To our knowledge, this is the first research studying the relationship of PLR level with short-term mortality in TBI patients with moderate to severe TBI. Low PLR is mainly achieved by decreasing platelet count and increasing lymphocyte count. The primary injury mechanism of TBI leads to the rupture of capillaries and vessels and the destruction of the blood–brain barrier (BBB), triggering the interaction between platelets and endothelial cells or subendothelial matrix. This results in platelet adhesion-activation, and the formation of platelet embolism at the injury site for hemostasis. The balance between coagulation and anticoagulation is broken in moderate to severe TBI patients, leading to platelet overactivation and the number decreases at the early stage of injury. The spontaneous aggregation and subsequent excessive consumption induce secondary platelet depletion and increase bleeding risk. Studies had shown the increasing risk of intracranial hemorrhage progression when the platelet was less than 175 × 109/L31, and nine-fold higher mortality when the number is below 100 × 109/L32.

Huang et al. reported the effect of different gender on PLR ratio to predict cardiovascular mortality of peritoneal dialysis (PD) patients. For female PD patients, high PLR ratio was related to worse prognosis due to higher level of estrogen and low levels of serum iron33. Our study did not find the same effect of gender in our TBI patients. Other confounding variables about PLR incudes alcohol level, smoking and so on. More importantly, in our study, we used both adjusted and non-adjusted Cox regression model as well as ROC curve to test the predicting power of PLR. All results showed that PLR is independent and powerful, which means PLR may not be significantly affected by these confounding variables at least in the case of predicting short-term mortality in patients with moderate to severe TBI.

Lymphocytes are classified into T lymphocytes, B lymphocytes and NK cells according to their origin, morphological structure, surface markers and immune function. They are important cellular components of the body's immune response.

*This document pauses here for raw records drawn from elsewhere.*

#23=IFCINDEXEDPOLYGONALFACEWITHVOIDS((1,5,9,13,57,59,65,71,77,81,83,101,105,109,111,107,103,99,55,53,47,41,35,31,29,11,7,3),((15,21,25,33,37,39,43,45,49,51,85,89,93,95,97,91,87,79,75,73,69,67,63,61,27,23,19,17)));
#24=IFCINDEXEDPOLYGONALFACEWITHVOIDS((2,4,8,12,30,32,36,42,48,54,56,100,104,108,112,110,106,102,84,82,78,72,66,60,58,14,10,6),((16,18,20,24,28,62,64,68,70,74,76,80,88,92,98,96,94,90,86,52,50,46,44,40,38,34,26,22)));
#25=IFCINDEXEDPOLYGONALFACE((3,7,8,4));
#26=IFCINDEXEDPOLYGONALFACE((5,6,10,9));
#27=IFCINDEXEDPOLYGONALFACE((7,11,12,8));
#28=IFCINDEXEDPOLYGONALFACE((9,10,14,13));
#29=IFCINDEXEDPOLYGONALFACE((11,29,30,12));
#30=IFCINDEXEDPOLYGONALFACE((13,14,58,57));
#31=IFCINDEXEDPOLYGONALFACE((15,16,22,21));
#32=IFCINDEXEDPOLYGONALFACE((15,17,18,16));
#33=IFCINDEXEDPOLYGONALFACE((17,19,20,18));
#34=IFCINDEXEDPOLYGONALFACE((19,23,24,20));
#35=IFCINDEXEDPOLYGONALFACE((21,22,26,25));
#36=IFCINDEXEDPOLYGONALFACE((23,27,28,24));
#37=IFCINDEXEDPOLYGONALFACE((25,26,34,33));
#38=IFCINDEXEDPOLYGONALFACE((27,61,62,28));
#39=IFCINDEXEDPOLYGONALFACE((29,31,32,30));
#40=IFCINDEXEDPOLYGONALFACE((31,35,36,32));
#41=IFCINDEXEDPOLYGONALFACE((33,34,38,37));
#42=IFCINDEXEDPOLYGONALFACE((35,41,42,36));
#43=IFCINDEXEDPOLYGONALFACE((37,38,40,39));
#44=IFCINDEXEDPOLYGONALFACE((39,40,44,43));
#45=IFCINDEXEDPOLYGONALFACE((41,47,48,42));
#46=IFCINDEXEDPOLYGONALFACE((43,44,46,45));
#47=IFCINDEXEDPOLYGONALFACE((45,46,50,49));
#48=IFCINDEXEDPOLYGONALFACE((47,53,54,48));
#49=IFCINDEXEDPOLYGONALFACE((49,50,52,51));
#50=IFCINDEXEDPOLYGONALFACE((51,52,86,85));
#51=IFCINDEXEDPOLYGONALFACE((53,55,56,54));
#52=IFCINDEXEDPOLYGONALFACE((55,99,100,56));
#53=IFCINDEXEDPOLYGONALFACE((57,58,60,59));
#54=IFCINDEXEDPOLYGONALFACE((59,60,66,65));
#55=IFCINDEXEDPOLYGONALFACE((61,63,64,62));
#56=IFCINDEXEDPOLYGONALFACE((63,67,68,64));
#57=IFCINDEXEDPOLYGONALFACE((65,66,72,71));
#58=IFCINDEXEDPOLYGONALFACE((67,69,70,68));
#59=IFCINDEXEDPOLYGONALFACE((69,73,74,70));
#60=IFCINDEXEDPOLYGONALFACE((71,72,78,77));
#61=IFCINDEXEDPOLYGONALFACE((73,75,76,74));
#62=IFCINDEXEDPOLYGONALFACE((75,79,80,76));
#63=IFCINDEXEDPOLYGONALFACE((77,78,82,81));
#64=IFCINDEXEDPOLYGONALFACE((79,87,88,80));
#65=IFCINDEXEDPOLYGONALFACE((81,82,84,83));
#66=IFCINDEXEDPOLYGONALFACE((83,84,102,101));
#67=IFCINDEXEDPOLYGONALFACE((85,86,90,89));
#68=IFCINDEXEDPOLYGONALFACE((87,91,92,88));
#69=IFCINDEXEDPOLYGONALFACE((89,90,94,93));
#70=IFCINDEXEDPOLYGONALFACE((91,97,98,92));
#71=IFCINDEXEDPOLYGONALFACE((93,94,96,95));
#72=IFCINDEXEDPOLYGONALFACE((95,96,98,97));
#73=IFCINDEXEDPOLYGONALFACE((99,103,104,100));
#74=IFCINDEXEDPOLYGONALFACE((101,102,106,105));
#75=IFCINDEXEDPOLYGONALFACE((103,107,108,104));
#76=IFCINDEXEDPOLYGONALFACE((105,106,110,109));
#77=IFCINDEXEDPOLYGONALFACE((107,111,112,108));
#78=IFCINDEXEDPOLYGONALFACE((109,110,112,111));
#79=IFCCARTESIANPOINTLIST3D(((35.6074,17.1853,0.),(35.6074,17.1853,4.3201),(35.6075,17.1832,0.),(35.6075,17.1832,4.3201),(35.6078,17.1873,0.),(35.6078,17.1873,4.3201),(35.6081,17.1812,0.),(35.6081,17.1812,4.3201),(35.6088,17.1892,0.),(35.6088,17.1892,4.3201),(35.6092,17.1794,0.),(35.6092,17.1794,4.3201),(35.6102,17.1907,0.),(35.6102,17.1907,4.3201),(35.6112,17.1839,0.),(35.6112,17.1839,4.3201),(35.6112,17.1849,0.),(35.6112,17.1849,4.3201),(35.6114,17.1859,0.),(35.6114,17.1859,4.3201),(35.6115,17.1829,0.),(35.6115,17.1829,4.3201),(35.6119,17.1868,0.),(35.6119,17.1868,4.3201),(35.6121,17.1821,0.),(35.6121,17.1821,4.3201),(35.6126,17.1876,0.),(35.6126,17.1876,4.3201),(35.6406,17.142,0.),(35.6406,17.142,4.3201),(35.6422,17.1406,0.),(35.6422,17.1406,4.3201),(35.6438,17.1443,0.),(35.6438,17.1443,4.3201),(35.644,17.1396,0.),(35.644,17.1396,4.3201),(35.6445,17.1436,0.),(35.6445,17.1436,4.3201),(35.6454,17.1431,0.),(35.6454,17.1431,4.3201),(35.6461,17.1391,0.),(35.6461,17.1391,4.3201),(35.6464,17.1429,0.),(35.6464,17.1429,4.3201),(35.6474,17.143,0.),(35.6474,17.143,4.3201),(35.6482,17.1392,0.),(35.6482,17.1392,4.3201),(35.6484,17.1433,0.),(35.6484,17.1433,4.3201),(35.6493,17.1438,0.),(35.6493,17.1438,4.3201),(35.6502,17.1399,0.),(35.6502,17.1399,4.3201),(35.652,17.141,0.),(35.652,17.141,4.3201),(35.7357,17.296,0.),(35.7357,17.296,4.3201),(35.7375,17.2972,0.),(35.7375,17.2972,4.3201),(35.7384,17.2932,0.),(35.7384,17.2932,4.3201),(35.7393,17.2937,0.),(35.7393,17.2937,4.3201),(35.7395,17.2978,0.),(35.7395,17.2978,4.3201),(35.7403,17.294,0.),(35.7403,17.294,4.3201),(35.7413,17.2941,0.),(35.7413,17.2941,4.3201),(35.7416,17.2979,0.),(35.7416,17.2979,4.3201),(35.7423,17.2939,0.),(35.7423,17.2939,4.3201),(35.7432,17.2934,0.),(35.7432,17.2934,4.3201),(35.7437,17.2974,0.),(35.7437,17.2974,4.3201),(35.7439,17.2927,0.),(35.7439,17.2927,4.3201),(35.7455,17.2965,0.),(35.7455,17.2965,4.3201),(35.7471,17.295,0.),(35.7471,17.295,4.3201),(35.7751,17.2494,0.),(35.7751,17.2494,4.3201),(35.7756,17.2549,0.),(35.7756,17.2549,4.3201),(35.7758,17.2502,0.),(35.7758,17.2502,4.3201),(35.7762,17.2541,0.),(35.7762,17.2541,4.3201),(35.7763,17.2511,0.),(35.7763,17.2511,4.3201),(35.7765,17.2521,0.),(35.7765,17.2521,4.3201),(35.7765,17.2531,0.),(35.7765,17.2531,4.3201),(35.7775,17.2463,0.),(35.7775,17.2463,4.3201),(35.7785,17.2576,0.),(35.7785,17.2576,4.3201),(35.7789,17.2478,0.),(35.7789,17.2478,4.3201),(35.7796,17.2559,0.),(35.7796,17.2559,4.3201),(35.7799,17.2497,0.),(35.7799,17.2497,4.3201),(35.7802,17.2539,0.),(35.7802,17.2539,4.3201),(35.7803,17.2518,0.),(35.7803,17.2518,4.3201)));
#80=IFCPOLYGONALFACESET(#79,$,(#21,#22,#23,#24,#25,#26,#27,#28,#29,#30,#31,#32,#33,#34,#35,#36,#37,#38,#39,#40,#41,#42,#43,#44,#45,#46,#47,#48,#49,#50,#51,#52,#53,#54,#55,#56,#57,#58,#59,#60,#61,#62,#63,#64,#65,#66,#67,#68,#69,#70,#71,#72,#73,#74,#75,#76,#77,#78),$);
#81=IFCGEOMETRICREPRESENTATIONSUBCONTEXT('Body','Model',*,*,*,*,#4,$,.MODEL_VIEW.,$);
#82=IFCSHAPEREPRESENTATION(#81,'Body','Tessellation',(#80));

Animal experiments have shown that focal cortical contusion and subcortical neuronal damage occur within minutes after trauma, accompanied by a rapid local neuroinflammatory response34,35. This contributes to immune cells (macrophages, granulocytes, dendritic cells, NK cells etc.) accumulation in the injured area and surrounding tissues. The immune cell-derived cytokines (IL-1β, IL-18, TNFα, etc.) and chemokines (CCL2, CCL22, CCL17, etc.) further recruit immune cells (neutrophils, lymphocytes, lymphocytes, etc.) to the site of injury and coordinate subsequent activities36,37. This kind of immune response generates a self-perpetuating pro-inflammatory environment that damages the brain parenchyma. Peripheral inflammation also affects the outcome of TBI38. Peripheral immune cells rapidly expand and are activated after TBI with remarkable extravasation from spleen. These immune cells contribute to both innate and adaptive immune responses after TBI, with some infiltrating the central nervous system38,39. Once in the damaged brain area, T cells are activated by antigens on macrophages, dendritic cells, and microglia. The steady increase in T cell number and composition suggests a shift from innate non-specific immune to adaptive immune40,41. Decreased PLR level suggests early coagulation imbalance and neuroinflammation hyperactivity, which is independently associated with short-term mortality.

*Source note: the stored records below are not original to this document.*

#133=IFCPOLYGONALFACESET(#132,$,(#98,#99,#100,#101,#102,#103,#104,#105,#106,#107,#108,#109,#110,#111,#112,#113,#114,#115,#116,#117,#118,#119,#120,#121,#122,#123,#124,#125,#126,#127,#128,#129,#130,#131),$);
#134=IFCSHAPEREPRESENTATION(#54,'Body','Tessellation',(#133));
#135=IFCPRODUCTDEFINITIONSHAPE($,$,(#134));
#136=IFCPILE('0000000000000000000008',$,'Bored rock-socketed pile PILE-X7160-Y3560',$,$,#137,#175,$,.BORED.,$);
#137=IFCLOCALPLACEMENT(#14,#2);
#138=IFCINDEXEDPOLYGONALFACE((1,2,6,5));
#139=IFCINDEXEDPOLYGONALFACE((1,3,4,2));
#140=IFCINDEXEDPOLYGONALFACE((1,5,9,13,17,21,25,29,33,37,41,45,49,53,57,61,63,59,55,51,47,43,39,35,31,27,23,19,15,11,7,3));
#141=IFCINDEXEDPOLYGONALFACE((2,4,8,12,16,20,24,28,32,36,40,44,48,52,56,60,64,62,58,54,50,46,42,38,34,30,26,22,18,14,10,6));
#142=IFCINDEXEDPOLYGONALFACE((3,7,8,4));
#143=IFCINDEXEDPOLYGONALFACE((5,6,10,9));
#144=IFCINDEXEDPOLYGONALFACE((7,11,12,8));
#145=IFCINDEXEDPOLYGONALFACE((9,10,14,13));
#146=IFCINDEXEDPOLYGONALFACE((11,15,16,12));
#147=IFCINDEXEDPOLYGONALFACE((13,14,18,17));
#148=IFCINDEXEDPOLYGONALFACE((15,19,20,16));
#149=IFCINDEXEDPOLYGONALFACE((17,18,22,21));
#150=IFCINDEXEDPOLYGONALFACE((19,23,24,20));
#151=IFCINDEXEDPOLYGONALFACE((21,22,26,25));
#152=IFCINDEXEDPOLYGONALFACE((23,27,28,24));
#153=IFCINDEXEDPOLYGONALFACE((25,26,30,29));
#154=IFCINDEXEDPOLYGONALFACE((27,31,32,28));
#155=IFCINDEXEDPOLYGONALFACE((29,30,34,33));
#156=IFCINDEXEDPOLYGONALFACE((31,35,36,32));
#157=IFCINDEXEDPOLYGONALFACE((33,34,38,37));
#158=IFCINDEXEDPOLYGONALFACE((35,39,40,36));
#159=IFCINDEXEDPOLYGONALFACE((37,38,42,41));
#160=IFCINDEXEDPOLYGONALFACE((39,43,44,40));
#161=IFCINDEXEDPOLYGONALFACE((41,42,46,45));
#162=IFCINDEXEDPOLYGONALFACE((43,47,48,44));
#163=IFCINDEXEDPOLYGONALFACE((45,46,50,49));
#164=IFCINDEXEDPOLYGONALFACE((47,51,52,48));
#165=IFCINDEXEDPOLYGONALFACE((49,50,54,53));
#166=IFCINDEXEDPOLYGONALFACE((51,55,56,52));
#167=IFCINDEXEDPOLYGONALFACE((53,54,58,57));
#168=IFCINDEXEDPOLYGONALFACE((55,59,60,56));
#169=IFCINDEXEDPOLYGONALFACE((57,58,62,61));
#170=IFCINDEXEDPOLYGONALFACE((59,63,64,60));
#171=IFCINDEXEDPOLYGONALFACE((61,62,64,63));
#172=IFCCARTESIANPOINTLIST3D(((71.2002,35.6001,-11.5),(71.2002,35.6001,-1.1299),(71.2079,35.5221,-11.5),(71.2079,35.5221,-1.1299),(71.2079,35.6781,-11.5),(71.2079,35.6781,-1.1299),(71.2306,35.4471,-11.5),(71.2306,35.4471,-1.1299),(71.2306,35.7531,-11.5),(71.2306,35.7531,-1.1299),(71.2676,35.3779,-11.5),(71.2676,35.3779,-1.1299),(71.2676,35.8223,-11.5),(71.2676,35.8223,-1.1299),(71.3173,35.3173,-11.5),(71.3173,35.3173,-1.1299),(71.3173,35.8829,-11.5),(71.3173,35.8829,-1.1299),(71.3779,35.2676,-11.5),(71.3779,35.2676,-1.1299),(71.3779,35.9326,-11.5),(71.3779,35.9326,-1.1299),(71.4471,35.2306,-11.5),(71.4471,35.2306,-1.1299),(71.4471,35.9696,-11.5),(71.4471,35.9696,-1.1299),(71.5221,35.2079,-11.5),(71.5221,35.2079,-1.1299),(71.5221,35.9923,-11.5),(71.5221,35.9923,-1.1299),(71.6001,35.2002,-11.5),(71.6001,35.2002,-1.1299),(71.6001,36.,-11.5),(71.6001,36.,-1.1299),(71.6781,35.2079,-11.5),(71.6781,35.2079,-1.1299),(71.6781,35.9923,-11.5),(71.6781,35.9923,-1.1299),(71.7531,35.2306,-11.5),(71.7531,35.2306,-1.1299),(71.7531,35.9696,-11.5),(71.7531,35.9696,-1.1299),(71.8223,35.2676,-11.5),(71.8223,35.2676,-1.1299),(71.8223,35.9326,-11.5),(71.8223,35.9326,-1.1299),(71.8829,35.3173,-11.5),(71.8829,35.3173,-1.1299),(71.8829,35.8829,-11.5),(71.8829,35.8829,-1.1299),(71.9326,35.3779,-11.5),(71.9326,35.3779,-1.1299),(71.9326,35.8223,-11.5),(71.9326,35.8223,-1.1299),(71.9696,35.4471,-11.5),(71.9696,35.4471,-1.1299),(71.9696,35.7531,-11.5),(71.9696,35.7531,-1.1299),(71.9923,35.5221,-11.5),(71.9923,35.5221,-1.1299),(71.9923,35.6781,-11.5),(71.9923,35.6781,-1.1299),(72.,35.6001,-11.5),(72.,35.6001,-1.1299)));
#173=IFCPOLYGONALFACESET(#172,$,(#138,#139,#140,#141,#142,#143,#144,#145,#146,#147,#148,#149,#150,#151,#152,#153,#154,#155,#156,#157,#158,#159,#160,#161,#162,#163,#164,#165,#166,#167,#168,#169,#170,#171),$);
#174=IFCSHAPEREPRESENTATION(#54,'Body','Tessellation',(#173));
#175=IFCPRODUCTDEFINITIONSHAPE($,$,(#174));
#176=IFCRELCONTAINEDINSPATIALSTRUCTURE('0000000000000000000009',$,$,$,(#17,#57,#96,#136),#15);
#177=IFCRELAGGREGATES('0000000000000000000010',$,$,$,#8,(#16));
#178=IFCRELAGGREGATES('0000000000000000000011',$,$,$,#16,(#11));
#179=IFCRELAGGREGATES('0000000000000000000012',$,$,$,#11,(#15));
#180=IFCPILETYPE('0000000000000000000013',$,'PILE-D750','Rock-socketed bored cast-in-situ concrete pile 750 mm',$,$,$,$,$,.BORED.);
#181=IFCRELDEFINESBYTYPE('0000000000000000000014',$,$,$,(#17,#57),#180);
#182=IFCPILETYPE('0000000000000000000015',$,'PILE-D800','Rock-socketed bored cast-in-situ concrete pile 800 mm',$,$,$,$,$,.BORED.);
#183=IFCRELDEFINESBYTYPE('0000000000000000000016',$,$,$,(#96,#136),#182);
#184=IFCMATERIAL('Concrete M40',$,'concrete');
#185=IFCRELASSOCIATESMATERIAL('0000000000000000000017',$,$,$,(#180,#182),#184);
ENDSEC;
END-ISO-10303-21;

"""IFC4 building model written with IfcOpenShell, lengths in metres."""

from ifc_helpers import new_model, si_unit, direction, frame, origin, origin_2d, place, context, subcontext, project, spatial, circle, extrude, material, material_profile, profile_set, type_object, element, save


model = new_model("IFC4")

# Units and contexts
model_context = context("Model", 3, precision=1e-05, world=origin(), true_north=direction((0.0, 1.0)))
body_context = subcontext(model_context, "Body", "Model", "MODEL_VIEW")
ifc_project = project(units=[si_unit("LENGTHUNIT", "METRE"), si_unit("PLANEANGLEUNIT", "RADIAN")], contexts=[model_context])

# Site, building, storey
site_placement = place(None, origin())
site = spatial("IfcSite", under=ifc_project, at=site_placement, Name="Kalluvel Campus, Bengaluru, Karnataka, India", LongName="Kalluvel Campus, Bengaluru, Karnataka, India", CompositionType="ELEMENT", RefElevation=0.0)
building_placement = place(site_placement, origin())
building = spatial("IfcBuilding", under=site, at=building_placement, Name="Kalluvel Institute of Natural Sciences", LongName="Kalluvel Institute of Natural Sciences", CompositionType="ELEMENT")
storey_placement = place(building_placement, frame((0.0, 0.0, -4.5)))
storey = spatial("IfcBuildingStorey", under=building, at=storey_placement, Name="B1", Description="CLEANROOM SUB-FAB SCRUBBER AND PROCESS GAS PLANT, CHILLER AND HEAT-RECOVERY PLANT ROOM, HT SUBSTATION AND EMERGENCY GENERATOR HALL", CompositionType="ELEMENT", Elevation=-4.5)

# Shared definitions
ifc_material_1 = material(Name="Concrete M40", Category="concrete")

The limitations of our study are: firstly, this study is a single-center study. Secondly, this study is a retrospective cohort study. Although we use the multivariate regression model to reduce the interference, it is still unable to fully guarantee the complete balance and comparability of each group. Finally, further randomized controlled trials are needed to determine the underlying mechanism of the association between PLR and short-term mortality.

Conclusion

PLR level is an independent biomarker with great diagnostic power for short-term mortality in patients with moderate to severe brain injury.